He returned in 2007, the year he and Portus founder Michael Mendelson were charged by the RCMP with fraud. Both eventually ended up accusations, and the mansion was guilty of breach of trust and violated a court order. Mendelson accused guilty of a single number of fraud and released from prison in 2008 after serving the mandate part of his two-year sentence.

In 2012, Ontario Securities Commission Manor ordered to disgorge $ 8.8 million, part of a negotiated solution related to the alleged purchase of diamonds with Portus money by the mansion. At the OSC Settlement that year, Mr Lawyer said that he had neither diamonds nor money to pay the governor's disgorgement orders.

Araya, the former BCT employee, said he felt "terror as terrified" when he found the pictures on Manor online and joined him to the Portus story, his guilty plea, the imprisonment and the ban on the capital markets Ontario Securities Commission.

"I thought this might be a criminal scam, a fraudulent company," said the 47-year-old blockchain venture.

He says there was no evidence of this, and the technology seemed healthy and attractive to potential customers. But Araya says he reported that Shaun MacDonald was Boaz Manor to the US Securities and Exchange Commission.

"We had no evidence, but we were worried and we had the feeling that something could be deceptive because we raised $ 31 million," he explained. "We do not know where the money is.
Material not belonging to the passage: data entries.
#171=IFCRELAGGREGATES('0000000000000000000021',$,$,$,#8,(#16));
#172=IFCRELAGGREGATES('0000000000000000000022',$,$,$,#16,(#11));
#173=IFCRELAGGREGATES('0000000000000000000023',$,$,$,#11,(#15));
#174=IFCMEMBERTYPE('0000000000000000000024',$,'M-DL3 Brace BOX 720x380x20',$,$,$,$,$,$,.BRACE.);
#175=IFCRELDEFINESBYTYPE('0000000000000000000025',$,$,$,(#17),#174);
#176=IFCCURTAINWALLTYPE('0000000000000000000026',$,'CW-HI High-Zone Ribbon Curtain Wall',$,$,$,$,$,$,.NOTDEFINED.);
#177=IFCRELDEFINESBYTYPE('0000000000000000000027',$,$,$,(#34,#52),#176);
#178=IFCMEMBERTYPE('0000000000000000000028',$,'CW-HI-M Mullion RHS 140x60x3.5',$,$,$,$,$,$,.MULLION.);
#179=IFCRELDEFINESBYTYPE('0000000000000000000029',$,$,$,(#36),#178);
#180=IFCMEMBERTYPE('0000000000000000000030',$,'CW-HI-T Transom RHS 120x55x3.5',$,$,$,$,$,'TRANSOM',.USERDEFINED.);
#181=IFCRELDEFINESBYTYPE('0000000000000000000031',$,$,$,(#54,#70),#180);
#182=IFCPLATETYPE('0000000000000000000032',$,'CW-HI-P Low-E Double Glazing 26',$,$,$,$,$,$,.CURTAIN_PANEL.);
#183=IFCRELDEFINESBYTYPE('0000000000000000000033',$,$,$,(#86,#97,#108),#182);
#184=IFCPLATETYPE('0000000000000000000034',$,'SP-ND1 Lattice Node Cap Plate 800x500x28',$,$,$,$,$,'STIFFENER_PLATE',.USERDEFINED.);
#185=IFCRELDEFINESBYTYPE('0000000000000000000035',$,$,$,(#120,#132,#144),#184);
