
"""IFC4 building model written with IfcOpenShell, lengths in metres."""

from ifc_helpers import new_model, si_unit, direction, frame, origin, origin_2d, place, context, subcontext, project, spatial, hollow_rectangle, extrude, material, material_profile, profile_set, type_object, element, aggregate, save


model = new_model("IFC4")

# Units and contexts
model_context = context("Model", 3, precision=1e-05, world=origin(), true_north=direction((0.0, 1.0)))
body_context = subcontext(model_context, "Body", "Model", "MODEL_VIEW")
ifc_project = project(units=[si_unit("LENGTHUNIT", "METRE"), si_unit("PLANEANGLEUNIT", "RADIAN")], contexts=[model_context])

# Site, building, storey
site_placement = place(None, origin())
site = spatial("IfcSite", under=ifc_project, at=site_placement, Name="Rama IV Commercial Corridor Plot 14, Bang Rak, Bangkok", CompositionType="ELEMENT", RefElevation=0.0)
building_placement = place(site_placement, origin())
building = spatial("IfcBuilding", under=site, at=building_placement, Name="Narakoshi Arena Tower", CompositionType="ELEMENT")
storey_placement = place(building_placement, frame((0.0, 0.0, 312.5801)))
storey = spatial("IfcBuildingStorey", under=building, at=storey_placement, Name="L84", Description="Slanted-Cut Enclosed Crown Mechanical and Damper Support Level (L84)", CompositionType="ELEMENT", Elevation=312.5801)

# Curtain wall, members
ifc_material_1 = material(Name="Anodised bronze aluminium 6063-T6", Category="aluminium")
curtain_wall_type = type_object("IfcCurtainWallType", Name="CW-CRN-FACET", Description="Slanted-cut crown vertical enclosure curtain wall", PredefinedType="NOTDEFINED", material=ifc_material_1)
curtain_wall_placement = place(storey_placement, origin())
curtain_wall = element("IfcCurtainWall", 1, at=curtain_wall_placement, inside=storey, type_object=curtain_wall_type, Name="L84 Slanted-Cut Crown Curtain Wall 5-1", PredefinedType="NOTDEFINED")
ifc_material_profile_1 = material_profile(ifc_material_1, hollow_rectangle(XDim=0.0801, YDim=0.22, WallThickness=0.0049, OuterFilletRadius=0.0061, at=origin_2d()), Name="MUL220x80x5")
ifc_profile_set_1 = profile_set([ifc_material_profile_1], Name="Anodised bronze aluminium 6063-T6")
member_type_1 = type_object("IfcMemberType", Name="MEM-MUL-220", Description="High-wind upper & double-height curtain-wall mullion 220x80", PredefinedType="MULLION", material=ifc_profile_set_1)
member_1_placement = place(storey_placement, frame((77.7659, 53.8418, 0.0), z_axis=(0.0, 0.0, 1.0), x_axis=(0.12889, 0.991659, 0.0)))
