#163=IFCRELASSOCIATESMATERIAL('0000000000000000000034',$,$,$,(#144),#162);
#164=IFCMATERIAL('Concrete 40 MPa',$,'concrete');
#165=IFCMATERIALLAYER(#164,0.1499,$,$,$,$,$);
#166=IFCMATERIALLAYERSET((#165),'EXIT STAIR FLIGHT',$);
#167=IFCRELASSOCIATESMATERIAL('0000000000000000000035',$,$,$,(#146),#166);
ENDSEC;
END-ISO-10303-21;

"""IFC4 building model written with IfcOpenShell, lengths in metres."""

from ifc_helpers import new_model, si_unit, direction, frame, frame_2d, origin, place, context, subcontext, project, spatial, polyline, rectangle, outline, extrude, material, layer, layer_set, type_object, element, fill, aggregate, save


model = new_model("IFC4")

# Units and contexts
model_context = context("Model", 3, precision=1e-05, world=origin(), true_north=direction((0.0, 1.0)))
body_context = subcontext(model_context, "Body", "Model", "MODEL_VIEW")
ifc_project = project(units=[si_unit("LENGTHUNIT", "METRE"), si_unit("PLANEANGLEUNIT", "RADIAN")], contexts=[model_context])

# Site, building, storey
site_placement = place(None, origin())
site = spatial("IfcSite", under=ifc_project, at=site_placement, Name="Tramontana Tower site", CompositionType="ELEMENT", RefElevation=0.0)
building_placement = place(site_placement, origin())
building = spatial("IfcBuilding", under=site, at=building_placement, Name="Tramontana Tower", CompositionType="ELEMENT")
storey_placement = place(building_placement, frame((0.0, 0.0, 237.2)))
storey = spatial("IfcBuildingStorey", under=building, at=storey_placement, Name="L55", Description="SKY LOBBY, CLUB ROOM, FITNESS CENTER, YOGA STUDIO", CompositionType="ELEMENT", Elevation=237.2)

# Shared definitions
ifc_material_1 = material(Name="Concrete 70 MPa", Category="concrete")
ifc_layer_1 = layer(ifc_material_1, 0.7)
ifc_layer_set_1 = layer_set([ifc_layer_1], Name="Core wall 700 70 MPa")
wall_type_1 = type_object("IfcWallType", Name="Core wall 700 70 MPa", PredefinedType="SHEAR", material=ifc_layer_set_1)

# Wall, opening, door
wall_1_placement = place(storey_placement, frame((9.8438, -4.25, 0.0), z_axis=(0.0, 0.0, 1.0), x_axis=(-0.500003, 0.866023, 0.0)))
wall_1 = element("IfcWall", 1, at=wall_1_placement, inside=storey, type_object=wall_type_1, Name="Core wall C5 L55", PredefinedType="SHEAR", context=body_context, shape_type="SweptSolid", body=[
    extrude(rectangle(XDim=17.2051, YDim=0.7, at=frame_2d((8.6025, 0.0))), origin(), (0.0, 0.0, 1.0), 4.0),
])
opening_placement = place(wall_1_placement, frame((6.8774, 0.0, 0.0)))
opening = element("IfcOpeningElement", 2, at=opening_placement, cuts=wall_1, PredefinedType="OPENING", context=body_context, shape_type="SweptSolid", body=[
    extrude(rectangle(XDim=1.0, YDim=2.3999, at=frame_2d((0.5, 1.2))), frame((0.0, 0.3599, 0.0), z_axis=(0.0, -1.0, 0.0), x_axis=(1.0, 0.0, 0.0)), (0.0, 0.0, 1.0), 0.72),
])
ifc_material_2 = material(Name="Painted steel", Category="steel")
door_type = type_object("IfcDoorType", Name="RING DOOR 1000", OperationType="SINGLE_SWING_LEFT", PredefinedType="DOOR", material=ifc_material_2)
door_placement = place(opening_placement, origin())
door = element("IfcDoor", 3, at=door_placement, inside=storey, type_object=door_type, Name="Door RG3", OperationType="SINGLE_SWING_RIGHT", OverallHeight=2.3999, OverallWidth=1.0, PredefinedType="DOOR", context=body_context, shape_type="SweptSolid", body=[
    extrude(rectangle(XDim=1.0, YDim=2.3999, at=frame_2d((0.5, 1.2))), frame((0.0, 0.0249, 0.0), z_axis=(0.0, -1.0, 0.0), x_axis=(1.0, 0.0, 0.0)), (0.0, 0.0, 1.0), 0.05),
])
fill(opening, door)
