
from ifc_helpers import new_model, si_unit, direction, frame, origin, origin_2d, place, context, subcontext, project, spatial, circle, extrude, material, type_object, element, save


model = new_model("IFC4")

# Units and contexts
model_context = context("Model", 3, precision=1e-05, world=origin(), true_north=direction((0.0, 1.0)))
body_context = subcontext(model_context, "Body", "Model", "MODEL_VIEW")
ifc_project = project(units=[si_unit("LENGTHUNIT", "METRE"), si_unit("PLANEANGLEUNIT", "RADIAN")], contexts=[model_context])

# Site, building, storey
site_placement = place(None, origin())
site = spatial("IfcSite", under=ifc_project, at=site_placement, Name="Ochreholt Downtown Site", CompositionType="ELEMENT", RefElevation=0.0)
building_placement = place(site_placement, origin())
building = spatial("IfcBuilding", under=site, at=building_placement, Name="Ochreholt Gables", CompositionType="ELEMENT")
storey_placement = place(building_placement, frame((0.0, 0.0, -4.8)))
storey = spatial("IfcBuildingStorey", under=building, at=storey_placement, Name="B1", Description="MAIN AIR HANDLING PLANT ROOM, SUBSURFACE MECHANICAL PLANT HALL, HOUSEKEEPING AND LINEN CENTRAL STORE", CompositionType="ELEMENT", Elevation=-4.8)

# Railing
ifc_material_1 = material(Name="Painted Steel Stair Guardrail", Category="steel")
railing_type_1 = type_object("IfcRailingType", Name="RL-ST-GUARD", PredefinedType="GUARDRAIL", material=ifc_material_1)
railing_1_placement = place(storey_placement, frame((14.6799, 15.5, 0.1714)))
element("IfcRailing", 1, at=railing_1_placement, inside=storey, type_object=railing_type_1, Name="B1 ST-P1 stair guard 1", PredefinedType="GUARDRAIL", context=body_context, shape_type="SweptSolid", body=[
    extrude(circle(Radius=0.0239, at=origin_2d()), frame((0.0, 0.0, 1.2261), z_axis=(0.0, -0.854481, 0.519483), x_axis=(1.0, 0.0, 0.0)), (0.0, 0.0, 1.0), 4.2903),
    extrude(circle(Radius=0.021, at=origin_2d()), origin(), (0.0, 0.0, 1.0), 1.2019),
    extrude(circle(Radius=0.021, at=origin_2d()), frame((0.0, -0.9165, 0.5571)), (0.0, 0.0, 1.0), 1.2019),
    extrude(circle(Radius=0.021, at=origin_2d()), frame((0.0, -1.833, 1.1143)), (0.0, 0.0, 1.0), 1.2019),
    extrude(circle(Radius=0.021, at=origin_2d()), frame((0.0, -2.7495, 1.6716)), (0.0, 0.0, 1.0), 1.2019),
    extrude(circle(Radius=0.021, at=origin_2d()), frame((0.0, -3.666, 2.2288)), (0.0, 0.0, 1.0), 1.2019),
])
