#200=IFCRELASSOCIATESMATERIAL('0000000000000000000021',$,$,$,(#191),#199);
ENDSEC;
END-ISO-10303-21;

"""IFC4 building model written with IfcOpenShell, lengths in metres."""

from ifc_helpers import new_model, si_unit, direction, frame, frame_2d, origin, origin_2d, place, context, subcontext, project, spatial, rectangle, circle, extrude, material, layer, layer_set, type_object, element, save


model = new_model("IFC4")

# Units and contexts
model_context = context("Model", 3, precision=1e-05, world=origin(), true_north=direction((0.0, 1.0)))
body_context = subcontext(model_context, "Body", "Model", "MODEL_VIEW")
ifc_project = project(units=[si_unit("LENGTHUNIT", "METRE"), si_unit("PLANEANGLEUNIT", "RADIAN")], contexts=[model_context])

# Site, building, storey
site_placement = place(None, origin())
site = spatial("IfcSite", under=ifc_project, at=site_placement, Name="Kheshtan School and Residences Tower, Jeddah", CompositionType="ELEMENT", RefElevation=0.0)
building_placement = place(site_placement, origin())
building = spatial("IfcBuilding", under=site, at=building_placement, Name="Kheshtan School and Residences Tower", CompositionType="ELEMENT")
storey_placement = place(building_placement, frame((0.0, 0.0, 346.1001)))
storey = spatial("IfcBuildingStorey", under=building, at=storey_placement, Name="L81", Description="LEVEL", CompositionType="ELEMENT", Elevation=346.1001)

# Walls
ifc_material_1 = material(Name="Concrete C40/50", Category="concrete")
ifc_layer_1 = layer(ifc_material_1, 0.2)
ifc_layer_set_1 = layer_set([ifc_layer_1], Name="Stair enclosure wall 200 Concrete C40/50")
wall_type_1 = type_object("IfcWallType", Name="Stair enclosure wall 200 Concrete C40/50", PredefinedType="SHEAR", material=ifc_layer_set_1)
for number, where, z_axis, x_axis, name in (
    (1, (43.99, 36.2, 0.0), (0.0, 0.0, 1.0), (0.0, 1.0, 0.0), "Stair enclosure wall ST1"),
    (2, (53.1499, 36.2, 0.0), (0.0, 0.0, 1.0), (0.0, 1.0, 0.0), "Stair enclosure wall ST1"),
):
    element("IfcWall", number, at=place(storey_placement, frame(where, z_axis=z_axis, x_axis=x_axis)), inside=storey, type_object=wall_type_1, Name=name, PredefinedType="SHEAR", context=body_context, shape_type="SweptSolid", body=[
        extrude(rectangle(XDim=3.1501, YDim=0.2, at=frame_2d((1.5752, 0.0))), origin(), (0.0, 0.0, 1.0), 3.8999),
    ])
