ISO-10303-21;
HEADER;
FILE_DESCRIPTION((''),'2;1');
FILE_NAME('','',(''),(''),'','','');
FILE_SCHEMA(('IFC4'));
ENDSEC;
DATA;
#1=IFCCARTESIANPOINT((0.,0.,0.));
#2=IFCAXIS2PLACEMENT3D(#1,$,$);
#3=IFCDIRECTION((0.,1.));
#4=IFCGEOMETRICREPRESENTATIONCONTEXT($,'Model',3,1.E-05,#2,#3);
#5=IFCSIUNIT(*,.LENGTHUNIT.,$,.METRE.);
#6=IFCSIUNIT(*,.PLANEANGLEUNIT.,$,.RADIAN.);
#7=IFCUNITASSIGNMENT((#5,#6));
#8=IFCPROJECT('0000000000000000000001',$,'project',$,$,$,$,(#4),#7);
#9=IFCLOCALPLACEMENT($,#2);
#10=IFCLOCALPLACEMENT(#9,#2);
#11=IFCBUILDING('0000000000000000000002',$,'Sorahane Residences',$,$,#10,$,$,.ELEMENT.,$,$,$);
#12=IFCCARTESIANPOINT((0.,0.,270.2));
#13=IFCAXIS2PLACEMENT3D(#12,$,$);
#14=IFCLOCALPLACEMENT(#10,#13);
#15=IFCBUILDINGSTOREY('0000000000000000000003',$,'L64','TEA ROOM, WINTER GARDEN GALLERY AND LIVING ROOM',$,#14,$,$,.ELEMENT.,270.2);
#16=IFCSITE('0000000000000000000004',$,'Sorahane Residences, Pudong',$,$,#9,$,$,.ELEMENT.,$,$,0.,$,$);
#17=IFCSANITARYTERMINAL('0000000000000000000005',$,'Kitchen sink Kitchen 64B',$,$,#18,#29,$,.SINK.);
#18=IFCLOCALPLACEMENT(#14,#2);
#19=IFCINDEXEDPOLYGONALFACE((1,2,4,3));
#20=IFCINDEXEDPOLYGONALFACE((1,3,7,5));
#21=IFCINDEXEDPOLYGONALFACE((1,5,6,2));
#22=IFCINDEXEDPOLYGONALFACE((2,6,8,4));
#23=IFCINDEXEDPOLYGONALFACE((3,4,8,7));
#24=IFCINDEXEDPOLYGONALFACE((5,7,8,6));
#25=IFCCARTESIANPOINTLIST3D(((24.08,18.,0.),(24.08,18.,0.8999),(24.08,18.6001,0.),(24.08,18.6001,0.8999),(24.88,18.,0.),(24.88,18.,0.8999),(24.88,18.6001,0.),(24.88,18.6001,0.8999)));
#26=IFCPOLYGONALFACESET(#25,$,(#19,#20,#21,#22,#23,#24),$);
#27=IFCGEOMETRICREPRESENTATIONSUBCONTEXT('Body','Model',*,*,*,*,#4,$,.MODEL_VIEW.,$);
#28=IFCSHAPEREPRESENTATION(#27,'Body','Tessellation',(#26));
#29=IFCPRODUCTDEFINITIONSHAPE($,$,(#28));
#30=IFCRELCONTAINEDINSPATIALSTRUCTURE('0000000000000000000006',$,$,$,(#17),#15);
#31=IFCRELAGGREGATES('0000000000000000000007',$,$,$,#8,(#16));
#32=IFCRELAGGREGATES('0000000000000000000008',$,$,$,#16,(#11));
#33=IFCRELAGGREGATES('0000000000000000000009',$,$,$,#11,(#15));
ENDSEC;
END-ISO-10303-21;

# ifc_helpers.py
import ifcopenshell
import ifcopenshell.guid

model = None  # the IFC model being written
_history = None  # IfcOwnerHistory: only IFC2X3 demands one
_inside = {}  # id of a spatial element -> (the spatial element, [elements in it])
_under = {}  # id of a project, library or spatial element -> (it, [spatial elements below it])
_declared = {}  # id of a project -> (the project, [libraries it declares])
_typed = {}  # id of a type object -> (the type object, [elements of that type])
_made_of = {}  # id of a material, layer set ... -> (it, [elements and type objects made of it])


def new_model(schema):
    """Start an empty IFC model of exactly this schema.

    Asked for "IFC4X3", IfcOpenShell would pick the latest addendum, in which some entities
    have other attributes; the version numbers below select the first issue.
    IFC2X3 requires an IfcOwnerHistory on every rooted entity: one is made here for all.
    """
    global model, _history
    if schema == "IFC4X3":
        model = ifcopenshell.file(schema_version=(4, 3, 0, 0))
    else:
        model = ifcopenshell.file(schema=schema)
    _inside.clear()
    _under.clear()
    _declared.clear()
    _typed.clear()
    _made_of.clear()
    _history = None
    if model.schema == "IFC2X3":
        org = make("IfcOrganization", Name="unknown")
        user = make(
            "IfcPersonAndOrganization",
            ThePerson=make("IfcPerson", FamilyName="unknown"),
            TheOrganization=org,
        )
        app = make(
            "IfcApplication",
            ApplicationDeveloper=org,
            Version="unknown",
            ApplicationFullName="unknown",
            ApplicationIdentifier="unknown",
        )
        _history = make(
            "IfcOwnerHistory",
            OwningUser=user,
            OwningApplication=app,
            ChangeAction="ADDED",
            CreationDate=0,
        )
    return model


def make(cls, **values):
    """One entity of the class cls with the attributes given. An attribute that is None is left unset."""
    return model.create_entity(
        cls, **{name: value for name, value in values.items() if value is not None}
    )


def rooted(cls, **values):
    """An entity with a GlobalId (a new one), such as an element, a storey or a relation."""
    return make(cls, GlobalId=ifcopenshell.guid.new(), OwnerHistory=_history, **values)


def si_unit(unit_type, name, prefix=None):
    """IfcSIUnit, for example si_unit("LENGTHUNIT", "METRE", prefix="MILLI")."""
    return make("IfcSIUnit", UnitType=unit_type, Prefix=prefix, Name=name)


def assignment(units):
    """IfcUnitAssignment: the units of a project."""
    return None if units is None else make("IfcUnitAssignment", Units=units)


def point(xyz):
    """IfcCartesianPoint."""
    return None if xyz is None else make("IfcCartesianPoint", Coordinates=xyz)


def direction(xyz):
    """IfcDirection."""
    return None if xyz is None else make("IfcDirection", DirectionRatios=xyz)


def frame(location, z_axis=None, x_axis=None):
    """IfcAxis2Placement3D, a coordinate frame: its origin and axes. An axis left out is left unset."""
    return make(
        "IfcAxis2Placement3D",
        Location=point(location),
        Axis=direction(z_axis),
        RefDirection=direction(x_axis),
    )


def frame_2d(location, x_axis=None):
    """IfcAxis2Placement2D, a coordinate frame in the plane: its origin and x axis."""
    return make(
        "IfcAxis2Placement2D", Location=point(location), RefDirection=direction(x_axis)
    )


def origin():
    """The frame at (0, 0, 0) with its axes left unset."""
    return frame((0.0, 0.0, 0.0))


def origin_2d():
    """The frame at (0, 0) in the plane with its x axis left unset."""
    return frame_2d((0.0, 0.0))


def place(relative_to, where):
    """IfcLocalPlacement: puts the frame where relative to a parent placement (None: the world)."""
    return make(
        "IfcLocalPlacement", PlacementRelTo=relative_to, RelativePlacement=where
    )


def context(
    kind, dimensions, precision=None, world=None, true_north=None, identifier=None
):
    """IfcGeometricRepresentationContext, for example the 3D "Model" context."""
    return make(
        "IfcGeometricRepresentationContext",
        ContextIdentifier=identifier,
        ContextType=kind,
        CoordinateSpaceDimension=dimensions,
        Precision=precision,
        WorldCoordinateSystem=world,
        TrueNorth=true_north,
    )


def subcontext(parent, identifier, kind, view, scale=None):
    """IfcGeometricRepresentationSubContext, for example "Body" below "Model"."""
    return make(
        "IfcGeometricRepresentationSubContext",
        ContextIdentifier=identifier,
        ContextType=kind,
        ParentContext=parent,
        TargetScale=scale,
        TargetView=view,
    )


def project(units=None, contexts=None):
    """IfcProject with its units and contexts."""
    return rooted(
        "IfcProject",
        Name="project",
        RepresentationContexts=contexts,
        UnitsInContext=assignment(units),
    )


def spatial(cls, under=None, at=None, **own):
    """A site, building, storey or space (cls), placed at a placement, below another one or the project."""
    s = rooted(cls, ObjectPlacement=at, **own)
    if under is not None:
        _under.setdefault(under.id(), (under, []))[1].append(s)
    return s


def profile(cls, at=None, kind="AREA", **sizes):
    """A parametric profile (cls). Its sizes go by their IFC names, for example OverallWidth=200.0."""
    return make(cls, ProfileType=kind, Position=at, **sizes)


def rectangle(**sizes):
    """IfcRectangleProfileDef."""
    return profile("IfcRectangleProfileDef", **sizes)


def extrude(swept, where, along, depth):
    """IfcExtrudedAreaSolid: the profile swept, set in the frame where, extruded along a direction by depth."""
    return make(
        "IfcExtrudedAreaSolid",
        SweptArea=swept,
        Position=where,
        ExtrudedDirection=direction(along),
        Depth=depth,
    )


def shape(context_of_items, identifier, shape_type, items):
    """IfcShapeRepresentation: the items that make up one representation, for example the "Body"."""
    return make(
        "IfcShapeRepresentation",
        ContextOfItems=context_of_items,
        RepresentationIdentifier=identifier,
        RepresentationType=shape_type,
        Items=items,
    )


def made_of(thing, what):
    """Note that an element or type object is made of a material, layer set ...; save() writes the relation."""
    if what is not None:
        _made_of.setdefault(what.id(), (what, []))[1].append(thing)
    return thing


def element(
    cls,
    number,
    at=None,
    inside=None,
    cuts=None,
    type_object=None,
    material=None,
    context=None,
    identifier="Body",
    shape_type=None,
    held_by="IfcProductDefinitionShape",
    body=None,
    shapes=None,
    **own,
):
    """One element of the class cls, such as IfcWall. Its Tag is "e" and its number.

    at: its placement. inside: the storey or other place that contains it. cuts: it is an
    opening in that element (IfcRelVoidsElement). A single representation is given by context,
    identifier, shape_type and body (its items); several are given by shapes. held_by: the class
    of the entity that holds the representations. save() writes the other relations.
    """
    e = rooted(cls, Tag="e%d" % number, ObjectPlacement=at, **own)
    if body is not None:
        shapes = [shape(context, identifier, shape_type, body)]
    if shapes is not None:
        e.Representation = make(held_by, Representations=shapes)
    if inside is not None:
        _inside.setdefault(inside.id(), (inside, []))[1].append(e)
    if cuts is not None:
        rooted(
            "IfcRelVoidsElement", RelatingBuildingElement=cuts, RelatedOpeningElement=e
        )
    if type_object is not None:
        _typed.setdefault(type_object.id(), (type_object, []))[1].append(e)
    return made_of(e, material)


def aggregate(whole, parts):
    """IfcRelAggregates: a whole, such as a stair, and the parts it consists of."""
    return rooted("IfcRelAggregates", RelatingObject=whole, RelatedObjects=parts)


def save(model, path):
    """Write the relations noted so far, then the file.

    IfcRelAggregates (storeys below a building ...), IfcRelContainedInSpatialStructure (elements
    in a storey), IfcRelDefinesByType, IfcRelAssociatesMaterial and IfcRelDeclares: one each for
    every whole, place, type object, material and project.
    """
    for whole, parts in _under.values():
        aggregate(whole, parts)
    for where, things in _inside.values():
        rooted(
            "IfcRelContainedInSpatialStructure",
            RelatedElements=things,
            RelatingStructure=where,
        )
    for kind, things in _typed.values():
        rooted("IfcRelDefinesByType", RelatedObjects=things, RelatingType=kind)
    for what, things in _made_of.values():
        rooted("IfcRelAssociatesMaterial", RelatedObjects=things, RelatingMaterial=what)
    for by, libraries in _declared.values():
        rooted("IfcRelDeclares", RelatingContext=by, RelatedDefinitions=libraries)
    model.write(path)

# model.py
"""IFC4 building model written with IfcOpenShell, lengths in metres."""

from ifc_helpers import new_model, si_unit, direction, frame, origin, origin_2d, place, context, subcontext, project, spatial, rectangle, extrude, element, save


model = new_model("IFC4")

# Units and contexts
model_context = context("Model", 3, precision=1e-05, world=origin(), true_north=direction((0.0, 1.0)))
body_context = subcontext(model_context, "Body", "Model", "MODEL_VIEW")
ifc_project = project(units=[si_unit("LENGTHUNIT", "METRE"), si_unit("PLANEANGLEUNIT", "RADIAN")], contexts=[model_context])

# Site, building, storey
site_placement = place(None, origin())
site = spatial("IfcSite", under=ifc_project, at=site_placement, Name="Sorahane Residences, Pudong", CompositionType="ELEMENT", RefElevation=0.0)
building_placement = place(site_placement, origin())
building = spatial("IfcBuilding", under=site, at=building_placement, Name="Sorahane Residences", CompositionType="ELEMENT")
storey_placement = place(building_placement, frame((0.0, 0.0, 270.2)))
storey = spatial("IfcBuildingStorey", under=building, at=storey_placement, Name="L64", Description="TEA ROOM, WINTER GARDEN GALLERY AND LIVING ROOM", CompositionType="ELEMENT", Elevation=270.2)

# Sanitary terminal
sanitary_terminal_1_placement = place(storey_placement, frame((24.48, 18.3, 0.0), z_axis=(0.0, 0.0, 1.0), x_axis=(1.0, 0.0, 0.0)))
element("IfcSanitaryTerminal", 1, at=sanitary_terminal_1_placement, inside=storey, Name="Kitchen sink Kitchen 64B", PredefinedType="SINK", context=body_context, shape_type="SweptSolid", body=[
    extrude(rectangle(XDim=0.8, YDim=0.6001, at=origin_2d()), origin(), (0.0, 0.0, 1.0), 0.8999),
])

save(model, "model.ifc")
And many of us have not been paid, you know, neither of us have been fully paid."

He says he left his name with authorities, but has not heard back and is very curious about whether the blockchain company will make a kind of it.

"To this day, I do not know. I know Shaun MacDonald does not exist," said Araya, who has a doctorate in public order and went back to other work as a consultant when he left BCT.

… we had the feeling that something could be deceptive as we increased $ 31 million. We do not know where the money is. And many of us have not been … fully paid.

Daniel Araya, Entrepreneur who worked at CG Blockchain

Ryan White, a spokesman for the SEC, declined to comment on the reports that the blockchain company's former workers say they did about MacDonald / Manor.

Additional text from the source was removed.